One is pneumonitis from the chemoradiotherapy. Unfortunately, we do not always know that at the time of initiating [durvalumab]. The main contraindications are autoimmune diseases or interstitial lung disease. A strong family history of autoimmune disease may be another reason to [forego durvalumab]. There is less clarity on what to do in patients with oncogene-driven disease.
Could you discuss the research that is being done to move immunotherapy into the neoadjuvant setting?

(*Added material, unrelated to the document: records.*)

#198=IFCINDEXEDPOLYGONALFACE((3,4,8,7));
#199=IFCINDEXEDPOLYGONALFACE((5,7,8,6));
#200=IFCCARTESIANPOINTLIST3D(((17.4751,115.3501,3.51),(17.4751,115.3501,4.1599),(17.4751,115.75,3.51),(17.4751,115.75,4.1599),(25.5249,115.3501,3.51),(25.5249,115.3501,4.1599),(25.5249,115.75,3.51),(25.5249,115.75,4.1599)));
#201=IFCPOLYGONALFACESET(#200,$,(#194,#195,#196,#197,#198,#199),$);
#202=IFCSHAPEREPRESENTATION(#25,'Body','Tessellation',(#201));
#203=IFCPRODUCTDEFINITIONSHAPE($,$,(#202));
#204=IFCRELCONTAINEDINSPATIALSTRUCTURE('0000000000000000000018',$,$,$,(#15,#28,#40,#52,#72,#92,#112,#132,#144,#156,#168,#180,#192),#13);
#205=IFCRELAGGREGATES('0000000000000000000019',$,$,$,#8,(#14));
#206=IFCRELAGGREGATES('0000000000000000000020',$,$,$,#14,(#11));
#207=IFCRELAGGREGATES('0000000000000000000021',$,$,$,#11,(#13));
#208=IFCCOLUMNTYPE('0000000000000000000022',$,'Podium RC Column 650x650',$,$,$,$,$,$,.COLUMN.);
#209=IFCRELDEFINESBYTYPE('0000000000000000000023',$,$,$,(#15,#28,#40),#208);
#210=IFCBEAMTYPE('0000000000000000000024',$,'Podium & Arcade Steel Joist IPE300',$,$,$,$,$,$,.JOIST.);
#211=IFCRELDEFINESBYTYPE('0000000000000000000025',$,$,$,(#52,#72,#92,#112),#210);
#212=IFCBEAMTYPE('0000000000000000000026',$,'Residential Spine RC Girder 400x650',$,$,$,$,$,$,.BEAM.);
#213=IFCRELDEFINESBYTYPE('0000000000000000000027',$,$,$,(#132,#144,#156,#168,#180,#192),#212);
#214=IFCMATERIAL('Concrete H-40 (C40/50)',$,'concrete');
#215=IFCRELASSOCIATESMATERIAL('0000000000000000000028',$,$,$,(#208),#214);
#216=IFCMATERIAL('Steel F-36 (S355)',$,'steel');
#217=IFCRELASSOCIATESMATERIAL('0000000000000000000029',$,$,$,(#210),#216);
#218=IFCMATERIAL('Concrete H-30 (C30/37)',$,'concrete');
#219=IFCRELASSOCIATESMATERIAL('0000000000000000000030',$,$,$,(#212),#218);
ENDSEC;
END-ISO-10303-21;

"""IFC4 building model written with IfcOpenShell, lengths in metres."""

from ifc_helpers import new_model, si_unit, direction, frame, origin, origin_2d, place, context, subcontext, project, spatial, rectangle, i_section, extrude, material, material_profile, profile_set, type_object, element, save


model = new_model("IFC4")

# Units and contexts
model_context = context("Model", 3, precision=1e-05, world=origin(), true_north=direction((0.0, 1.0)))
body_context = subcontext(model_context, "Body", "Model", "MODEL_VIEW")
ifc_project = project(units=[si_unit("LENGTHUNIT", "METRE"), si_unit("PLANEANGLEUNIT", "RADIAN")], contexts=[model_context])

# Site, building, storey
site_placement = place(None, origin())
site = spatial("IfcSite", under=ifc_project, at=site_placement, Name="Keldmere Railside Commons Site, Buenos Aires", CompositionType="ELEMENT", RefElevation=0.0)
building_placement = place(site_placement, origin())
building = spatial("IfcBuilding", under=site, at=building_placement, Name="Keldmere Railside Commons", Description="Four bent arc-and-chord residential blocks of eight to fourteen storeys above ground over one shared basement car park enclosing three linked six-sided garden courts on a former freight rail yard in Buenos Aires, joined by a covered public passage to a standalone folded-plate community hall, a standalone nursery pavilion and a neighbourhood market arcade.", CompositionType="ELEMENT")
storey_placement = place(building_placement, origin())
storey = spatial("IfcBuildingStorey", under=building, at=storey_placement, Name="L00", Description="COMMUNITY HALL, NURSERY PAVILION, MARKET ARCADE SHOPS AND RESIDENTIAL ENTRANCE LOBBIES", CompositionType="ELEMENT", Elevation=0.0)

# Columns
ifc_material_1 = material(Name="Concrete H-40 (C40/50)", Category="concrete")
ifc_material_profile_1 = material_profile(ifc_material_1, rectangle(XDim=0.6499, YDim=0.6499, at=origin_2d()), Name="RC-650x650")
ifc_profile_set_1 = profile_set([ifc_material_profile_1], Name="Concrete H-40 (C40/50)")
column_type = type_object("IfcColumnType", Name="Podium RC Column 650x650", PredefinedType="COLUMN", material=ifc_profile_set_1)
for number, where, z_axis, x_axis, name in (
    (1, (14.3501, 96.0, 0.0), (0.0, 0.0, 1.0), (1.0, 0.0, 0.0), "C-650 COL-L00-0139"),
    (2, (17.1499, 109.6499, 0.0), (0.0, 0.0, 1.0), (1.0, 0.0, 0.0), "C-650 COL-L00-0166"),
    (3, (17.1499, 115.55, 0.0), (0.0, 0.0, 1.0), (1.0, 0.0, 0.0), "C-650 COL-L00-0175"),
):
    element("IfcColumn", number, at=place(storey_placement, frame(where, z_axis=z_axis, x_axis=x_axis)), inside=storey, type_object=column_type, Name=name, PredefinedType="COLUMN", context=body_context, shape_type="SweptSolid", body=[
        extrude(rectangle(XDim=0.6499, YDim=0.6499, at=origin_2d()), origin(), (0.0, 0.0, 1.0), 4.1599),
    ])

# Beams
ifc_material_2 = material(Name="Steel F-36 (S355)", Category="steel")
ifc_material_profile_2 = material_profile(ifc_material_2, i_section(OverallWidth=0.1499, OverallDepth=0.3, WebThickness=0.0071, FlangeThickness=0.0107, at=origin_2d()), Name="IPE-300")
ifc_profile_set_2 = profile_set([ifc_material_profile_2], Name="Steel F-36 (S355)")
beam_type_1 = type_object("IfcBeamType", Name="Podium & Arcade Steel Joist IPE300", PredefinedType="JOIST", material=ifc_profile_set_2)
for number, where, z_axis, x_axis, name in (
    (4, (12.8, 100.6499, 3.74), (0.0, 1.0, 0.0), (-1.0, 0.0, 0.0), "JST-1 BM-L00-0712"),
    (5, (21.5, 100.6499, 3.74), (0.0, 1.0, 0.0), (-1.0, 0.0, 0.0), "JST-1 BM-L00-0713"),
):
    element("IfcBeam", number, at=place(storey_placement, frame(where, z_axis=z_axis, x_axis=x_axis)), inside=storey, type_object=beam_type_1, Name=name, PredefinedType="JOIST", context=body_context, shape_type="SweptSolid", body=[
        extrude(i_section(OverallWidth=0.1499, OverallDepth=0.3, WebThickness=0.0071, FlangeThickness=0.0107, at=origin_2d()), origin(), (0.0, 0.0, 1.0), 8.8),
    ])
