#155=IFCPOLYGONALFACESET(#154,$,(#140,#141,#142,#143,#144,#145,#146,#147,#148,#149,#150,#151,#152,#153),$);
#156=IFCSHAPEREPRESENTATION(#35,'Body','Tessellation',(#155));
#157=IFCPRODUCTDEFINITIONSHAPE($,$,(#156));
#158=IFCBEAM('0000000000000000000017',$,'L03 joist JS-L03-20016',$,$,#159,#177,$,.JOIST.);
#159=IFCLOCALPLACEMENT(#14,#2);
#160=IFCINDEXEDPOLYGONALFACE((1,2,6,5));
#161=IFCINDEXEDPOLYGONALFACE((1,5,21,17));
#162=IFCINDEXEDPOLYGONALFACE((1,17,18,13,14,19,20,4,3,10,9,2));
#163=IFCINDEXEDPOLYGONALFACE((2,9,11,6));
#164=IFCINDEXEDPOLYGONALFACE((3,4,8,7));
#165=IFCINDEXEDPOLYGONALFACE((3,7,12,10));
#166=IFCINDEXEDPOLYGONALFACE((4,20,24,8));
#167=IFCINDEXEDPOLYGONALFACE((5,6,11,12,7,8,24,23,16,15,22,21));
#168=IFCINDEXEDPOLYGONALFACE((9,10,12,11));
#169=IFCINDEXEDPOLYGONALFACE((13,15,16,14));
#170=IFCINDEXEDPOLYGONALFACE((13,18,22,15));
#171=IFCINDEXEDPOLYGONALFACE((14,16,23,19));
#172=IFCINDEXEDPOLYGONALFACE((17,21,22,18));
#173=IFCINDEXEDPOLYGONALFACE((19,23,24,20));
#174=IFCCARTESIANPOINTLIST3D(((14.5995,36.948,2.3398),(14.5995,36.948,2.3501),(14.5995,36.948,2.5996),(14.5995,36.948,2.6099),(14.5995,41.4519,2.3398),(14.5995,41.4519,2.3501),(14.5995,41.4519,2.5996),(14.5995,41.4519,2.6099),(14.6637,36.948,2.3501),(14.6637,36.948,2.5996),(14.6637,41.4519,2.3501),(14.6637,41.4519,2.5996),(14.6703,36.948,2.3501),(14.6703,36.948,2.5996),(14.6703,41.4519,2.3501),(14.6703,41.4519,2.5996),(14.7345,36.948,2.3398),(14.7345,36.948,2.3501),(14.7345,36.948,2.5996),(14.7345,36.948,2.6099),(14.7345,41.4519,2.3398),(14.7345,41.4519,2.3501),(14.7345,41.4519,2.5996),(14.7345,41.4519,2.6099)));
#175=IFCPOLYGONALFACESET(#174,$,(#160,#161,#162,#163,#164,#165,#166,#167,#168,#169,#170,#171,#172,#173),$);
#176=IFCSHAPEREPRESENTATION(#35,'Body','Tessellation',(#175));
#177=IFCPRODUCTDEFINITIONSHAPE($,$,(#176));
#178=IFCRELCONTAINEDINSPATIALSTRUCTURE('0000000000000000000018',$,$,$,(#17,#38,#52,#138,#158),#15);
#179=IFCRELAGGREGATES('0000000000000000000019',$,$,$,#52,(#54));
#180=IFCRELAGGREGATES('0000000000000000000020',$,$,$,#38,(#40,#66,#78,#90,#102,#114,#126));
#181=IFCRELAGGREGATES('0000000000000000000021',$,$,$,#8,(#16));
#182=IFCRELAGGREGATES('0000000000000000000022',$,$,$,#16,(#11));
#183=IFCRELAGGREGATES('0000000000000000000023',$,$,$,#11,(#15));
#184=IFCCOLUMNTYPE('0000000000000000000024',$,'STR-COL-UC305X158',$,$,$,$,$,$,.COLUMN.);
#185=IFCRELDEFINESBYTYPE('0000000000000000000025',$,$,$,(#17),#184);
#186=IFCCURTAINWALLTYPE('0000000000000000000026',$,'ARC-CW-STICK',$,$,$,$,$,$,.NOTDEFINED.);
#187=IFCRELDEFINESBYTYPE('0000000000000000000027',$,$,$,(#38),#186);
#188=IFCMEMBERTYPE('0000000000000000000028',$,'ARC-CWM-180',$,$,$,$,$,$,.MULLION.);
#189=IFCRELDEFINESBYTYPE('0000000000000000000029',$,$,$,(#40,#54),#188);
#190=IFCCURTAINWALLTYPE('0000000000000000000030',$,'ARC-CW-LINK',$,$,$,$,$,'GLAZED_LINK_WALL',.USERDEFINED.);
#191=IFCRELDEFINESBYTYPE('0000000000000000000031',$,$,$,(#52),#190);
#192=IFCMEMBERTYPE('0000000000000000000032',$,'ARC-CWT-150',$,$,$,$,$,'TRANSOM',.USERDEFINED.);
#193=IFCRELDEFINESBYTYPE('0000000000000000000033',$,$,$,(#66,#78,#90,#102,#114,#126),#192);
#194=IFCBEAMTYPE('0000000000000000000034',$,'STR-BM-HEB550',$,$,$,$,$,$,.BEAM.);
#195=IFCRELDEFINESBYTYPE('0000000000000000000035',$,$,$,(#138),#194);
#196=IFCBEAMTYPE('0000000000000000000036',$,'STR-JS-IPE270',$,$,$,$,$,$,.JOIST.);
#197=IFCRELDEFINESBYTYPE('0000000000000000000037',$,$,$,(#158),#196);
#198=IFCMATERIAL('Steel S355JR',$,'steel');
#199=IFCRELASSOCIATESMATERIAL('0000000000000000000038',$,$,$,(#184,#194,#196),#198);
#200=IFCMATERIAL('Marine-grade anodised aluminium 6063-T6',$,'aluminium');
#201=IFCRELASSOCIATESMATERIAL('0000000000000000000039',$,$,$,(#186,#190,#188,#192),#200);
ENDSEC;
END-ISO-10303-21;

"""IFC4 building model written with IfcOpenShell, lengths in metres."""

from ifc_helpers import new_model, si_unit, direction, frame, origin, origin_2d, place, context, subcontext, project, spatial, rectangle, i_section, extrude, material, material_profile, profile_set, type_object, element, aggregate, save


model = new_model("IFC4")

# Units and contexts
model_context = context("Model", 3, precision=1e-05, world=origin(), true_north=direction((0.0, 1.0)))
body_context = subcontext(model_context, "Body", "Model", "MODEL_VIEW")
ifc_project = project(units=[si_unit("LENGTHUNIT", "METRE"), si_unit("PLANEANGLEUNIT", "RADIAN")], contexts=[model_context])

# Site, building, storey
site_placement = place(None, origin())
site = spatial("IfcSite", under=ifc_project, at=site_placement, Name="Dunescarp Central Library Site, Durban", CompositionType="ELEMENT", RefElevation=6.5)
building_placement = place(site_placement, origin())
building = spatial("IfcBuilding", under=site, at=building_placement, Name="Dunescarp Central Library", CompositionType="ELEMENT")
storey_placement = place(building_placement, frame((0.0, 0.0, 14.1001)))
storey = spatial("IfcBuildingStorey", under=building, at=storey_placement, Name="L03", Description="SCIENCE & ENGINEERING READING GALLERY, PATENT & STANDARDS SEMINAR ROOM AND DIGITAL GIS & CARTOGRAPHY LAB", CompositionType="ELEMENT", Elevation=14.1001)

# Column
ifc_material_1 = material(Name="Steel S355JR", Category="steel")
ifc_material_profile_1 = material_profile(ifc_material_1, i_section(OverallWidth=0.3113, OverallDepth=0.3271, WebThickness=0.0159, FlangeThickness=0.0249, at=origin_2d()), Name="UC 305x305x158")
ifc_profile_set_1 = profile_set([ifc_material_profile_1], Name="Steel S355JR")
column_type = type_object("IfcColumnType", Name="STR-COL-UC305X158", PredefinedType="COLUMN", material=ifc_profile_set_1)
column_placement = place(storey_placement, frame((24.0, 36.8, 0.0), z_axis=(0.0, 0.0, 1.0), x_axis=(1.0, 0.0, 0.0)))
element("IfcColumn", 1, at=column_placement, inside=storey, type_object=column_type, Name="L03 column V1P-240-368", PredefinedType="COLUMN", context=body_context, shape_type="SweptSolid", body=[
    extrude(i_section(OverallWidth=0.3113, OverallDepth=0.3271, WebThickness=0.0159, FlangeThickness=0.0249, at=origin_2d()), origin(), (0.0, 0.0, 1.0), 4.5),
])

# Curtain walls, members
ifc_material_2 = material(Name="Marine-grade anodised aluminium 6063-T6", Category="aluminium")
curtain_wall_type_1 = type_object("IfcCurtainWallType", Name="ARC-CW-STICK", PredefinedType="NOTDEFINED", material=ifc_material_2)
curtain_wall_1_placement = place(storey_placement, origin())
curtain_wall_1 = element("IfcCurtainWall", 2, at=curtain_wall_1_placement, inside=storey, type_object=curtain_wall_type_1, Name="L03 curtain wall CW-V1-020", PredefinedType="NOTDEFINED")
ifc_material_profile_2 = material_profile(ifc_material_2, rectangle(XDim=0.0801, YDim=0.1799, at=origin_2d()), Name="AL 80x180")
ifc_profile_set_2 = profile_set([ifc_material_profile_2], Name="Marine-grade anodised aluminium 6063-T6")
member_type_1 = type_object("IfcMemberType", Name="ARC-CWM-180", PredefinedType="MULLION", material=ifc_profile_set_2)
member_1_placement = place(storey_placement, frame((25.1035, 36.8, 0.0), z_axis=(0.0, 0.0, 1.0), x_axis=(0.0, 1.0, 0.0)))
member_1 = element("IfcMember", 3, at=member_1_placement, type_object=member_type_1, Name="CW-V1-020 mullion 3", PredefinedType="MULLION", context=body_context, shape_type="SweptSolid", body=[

We published data in The New England Journal of Medicine in conjunction with investigators at Johns Hopkins Medicine. We showed that a small subset of patients who received just 2 doses of nivolumab had a very unexpected response rate. That was replicated at The University of Texas at MD Anderson Cancer Center where Tina Cascone, MD, PhD, and colleagues reported an impressive major pathologic [response] rate with nivolumab. The data were even more impressive [with nivolumab] in combination with ipilimumab, particularly in terms of the number of pathologic complete responses (pCRs).
The data we have with atezolizumab (Tecentriq) does not look as overwhelming, but that is what happens when you have more patients [enrolled on the trial]. It is also more reflective of the real-world [population] and more along the lines of what we would expect in terms of the pCR rate being comparable with chemotherapy. This tells us that we need better biomarkers in this patient population. The way of the future in this patient population lies in the combination of chemotherapy and immunotherapy, [based on prior data] demonstrated by Catherine Ann Shu, MD, of Columbia University Irving Medical Center, et al, and also Mariano Provencio, MD, of Hospital Puerta de Hierro. We are seeing truly amazing pCR rates with the combination of chemotherapy and immunotherapy in the preoperative setting.
My goal in the next few years is to have a clinical trial for all patients with early-stage lung cancer, whether it is an observational study to try to improve on available biomarkers, or an interventional study to try to improve patient outcomes. In doing this, we can make medicine more personalized.